A paradox, it would seem. But it can be explained by the nature of the Russian law enforcement system, or more precisely — by the lack thereof. A system intended to protect The Law has turned into simply a system for “protecting.” There is no room in it for The Law any more. The system cruelly punishes those whose actions have not been approved by the country’s leaders, even if they committed an insignificant offense like Oleg Mironov or Pussy Riot. And it is prepared to cover up for those who have committed a serious offense, but one that had been approved by the country’s top leadership — as happened with Serdyukov, others among the biggest beneficiaries of the current system, and perhaps with Boris Nemtsov’s murderers as well.

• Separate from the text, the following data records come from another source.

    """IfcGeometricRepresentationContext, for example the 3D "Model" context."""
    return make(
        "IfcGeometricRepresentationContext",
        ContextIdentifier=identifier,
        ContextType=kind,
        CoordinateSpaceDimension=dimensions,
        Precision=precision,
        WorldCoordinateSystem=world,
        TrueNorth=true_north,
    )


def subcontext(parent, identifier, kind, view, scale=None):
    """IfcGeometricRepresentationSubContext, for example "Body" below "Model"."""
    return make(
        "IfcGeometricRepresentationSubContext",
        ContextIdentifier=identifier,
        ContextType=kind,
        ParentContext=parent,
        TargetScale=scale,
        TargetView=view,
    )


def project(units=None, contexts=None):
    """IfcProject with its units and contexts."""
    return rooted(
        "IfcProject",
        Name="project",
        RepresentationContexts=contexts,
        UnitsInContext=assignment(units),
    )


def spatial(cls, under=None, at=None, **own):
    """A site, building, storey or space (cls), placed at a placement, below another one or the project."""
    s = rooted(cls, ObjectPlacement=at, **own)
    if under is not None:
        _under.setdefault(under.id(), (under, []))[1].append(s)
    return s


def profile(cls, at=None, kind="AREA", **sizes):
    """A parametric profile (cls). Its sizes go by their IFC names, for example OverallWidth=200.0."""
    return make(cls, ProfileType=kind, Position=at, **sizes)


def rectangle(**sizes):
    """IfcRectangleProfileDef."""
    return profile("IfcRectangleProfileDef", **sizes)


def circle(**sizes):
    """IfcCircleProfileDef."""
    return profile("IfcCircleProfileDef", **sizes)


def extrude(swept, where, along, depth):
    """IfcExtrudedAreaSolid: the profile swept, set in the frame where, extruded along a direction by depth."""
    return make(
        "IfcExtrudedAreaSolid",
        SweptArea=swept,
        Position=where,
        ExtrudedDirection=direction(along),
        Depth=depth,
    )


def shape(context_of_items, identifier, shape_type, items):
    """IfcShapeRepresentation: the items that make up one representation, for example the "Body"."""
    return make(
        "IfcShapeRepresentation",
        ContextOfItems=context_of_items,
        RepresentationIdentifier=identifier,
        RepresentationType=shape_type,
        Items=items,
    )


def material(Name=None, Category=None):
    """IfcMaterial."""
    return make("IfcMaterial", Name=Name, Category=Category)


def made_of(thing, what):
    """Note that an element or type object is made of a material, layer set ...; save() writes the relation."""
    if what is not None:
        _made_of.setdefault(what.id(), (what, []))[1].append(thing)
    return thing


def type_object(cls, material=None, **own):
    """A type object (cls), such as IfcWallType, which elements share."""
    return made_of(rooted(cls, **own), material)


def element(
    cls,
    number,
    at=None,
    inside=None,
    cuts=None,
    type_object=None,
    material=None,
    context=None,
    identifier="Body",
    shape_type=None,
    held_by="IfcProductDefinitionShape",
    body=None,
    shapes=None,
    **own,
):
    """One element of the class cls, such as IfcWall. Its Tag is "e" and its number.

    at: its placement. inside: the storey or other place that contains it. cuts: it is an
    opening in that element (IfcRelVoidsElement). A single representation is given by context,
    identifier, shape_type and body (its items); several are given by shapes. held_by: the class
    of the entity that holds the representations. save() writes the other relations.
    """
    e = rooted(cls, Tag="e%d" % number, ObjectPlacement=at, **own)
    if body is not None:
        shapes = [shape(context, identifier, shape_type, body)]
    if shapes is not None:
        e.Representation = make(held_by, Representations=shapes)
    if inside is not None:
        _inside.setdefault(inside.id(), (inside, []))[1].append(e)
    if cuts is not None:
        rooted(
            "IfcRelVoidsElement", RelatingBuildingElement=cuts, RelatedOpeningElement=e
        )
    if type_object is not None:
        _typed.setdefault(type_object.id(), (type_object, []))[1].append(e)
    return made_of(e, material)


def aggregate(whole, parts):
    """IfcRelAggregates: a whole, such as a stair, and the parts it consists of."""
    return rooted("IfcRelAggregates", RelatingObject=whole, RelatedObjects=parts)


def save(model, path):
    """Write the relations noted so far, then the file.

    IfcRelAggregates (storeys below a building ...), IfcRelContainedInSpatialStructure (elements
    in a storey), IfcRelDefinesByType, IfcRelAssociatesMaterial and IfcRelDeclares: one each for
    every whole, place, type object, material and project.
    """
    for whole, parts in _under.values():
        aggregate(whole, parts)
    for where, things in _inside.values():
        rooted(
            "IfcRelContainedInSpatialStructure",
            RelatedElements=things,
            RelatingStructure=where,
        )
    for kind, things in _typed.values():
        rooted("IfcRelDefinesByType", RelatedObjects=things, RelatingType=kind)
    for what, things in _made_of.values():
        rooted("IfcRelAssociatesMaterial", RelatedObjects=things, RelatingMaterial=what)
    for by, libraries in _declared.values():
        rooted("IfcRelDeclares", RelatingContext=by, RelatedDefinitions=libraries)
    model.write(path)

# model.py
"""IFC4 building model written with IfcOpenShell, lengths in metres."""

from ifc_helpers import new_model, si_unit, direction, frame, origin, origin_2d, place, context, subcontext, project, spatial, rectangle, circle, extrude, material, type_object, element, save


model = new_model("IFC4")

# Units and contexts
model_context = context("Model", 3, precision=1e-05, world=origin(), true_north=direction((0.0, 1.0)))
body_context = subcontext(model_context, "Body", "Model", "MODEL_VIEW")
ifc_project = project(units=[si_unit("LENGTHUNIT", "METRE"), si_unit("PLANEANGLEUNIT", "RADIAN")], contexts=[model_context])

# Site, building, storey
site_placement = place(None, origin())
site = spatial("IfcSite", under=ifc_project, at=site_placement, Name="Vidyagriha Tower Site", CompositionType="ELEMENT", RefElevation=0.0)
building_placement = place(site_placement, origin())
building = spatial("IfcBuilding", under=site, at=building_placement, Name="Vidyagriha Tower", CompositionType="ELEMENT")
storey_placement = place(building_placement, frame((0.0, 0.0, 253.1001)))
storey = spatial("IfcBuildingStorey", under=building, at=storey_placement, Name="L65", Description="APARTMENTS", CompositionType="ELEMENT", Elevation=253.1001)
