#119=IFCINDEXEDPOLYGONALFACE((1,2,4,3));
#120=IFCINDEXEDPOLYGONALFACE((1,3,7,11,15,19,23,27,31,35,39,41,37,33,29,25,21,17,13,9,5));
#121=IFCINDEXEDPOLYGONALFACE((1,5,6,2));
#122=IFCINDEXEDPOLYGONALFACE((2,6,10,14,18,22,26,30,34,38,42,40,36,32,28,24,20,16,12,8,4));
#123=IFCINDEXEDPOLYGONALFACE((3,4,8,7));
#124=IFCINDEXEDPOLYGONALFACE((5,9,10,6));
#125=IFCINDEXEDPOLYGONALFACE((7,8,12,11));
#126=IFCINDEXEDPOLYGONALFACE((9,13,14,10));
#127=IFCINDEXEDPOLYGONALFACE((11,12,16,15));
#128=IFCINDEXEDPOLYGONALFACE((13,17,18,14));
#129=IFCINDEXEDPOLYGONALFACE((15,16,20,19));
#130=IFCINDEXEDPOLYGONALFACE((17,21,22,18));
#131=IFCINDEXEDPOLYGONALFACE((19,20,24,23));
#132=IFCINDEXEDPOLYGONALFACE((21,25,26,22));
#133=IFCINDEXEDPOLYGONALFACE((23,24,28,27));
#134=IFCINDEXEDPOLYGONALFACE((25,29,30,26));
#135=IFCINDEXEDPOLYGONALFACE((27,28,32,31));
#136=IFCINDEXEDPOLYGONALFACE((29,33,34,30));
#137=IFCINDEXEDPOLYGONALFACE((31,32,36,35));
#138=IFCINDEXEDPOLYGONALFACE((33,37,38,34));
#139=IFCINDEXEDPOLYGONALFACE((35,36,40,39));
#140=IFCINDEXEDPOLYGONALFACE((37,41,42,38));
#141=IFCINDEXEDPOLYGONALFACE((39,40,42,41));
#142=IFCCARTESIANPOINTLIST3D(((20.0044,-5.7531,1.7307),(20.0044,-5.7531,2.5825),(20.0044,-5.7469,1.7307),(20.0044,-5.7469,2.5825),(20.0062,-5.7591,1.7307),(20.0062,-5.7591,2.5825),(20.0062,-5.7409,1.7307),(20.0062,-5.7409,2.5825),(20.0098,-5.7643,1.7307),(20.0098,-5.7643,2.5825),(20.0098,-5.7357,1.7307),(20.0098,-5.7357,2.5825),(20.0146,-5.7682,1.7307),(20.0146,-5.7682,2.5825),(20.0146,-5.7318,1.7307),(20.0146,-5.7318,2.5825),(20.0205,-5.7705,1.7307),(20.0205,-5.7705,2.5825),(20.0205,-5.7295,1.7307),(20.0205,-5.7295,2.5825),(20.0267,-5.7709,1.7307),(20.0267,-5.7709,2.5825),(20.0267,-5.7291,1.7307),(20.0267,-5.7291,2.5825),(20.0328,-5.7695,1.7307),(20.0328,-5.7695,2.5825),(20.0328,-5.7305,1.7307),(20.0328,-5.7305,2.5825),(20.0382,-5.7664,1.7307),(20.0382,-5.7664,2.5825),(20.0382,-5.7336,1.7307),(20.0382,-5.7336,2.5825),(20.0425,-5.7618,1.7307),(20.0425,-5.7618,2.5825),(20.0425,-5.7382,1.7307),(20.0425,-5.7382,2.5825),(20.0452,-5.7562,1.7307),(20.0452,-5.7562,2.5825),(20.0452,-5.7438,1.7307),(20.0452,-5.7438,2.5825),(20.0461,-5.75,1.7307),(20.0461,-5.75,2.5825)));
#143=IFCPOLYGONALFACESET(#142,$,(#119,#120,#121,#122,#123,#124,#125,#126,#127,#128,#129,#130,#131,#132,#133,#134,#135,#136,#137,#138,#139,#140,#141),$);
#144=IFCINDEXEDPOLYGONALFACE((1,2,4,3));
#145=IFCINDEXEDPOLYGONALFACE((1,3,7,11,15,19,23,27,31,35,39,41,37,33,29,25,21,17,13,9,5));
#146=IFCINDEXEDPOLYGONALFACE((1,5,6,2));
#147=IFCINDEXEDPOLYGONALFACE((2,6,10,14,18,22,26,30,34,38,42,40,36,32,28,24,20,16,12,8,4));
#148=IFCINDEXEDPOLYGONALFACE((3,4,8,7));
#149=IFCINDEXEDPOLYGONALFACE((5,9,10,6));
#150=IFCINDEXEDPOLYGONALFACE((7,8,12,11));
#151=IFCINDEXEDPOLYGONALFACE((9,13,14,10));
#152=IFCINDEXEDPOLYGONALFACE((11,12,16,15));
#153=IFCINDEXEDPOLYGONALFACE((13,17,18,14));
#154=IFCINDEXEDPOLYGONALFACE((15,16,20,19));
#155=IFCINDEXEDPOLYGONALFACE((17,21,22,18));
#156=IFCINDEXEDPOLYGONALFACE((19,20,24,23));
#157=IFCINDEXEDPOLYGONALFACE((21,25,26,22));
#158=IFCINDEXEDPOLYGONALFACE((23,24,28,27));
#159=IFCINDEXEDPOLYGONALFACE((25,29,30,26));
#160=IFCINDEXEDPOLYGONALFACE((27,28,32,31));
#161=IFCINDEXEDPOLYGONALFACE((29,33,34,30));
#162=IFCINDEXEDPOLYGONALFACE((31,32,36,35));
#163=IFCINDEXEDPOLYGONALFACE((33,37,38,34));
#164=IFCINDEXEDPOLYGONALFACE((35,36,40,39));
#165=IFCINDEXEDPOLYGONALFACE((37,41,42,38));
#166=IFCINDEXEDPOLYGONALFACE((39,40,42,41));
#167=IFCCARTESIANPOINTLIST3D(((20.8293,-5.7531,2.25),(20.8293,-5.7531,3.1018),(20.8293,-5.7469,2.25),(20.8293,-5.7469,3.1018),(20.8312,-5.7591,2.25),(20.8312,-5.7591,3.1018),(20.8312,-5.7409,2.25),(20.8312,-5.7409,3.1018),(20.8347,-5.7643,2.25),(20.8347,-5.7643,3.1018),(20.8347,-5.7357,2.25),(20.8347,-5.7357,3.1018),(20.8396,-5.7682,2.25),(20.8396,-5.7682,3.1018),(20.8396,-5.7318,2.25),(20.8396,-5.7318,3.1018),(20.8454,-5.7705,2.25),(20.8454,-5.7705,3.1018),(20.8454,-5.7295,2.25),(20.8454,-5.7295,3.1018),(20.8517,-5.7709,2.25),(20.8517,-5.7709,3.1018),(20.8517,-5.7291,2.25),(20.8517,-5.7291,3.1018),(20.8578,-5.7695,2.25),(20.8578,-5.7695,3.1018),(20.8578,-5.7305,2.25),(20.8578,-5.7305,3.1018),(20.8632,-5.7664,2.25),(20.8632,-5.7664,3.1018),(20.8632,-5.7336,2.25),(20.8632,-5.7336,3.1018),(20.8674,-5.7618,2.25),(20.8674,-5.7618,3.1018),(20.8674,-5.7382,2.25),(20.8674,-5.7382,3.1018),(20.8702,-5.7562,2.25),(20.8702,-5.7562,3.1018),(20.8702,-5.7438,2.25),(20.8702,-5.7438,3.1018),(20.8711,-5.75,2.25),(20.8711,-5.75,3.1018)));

Irrespective of our political views, all of us as a society are acutely in need of a state that is capable of adopting understandable, legitimate and fair laws. A state that will itself obey these laws, and not use them as a truncheon against undesirables.

A state based on The Law, not on propaganda and the unbounded power of one single person, is a state that meets the interests of all citizens: leftists, rightists, centrists, men and women, conservatives and feminists, inhabitants of the center and the ethnic periphery.

Furthermore, a strong state, something many people dream of, is not a state that can take care of any political opponent, but one that is capable of monitoring compliance with The Law on the territory of the entire country.

I hope that Mironov’s, Vasilieva’s and Sentsov’s sentences will make understand those whom the illegitimate sentences in the YUKOS case, Pussy Riot, and Oleg Navalny didn’t help to realize just what condition our state is in.

We may have our differences, but we’ve only got one country, and we’re not going to make it any better without a state based on The Law and fairness, and not on personal power.

And another thing. In recent days there has been a lot of discussion about Vasilieva’s early release. It is legal, but in the opinion of a significant part of society it is not fair. This part of society is thirsting for revenge — against somebody, anybody. And this too is a result of Putin’s policy of recent years — a policy of mutual enmity. But I consider that we need to rejoice that the woman has been released from prison.

There is such a concept known as mercy. At the foundation of our rights lie Christian precepts and Christian philosophy. Mercy is an inalienable part of these. To keep a person behind bars only as a warning to others — and, by the way, a person who is no longer a threat to anybody and has made good her part of the damages — is unmerciful.

The desire for “retribution” only serves to divert society’s attention away from the real causes and the real culprits. What we need to be striving to achieve is not for Vasilieva to sit in jail, but fair, legitimate laws, and the creation of a system in which they are obeyed and enforced unconditionally.